Al-Ansor, Tumpuan Pendidikan Agama di Bantaran Sungai Cikaso

Pesantren Al-Ansor sangat terkenal di kalangan masyarakat pinggir sungai Cikaso. Pesantren yang telah berdiri sejak 1990 itu telah menjadi kepercayaan ratusan keluarga menitipkan anak-anak mereka untuk menimba ilmu.

Pesantren Al-Ansor di sisi Sungai Cikaso. (ACTNews)

ACTNews, SUKABUMI – Berada di sisi sungai nan teduh menjadi potret tempat belajar bagi puluhan anak-anak di sekitar sungai Cikaso.
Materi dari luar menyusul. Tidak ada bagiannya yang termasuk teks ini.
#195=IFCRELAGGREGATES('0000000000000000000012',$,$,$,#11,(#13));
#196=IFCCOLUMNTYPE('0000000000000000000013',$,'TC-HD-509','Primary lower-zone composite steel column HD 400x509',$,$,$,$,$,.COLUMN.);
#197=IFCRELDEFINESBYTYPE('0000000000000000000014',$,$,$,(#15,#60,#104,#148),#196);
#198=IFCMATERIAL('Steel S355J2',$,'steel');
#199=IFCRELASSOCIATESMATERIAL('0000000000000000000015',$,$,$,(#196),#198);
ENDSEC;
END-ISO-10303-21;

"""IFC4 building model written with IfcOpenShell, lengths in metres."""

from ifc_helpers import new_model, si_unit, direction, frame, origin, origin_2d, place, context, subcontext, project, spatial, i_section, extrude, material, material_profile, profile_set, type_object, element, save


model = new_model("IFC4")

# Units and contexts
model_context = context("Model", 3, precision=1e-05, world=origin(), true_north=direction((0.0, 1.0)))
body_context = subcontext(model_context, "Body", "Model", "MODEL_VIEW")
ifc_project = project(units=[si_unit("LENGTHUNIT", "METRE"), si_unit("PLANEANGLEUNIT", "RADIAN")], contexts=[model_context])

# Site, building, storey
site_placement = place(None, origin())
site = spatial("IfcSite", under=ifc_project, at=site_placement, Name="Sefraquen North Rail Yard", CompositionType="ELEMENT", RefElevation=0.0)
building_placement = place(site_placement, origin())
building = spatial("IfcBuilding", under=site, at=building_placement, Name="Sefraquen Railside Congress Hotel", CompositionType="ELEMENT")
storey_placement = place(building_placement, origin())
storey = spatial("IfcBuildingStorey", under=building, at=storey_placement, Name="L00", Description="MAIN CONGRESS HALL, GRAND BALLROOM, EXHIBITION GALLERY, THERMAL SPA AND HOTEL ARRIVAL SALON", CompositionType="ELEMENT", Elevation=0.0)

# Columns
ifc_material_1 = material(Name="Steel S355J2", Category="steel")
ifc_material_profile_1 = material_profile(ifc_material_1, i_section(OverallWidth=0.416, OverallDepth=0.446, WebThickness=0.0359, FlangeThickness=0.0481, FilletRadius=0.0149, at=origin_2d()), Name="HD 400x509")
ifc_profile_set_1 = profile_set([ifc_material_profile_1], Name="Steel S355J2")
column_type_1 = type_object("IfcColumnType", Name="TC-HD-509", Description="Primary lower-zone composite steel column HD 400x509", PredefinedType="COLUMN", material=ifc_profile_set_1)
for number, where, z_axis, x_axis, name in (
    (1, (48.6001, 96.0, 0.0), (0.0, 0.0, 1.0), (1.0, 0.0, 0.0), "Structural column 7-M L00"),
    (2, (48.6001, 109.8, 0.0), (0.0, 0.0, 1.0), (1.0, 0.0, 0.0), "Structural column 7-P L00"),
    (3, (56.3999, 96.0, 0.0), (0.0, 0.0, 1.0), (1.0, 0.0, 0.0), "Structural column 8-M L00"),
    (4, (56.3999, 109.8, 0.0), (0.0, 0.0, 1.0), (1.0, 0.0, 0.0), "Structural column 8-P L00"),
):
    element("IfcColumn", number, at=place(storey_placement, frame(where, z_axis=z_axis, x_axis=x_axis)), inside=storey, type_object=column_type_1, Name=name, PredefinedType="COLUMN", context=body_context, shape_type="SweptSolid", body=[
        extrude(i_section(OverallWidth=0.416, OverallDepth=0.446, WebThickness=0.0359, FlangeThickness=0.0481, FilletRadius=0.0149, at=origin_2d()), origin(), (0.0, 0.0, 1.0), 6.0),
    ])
Tempat itu adalah Pesantren Al-Ansor, di Desa Ciloma, Kecamatan Cibitung, Kabupaten Sukabumi. 

Pesantren ini sangat terkenal di kalangan masyarakat pinggir sungai Cikaso. Bukan hanya karena telah berdiri sejak tahun 1990, tetapi juga karena kualitas lingkungan pendidikannya. Ratusan keluarga telah memercayakan anak-anak mereka menimba ilmu di Pesantren Al-Ansor. 

Madrasah berusia 30 tahun itu berbeda dari pesantren kebanyakan. Di Al-Ansor, para siswa mulai berdatangan setiap sore. Mereka berjumlah 80 orang, usianya sekitar 7-17 tahun, lengkap dengan pakaian seragam gamis, batik, dan kopiah.

Sebagian besar anak-anak datang menggunakan sampan, sebab rumah dan pesantren di batasi oleh Sungai Cikaso. Butuh waktu setengah jam hingga satu jam untuk sampai. Setelah sampai di pesantren, mereka akan bersiap-siap untuk menyambut magrib. Anak laki-laki biasanya bermain, bercanda dengan sesama, atau saling usil. Sedangkan anak perempuan membersihkan atau membantu ustazah memasak makan malam. Sebelum waktu magrib, ada yang langsung menyantap makan malam, beberapa menunggu magrib selesai.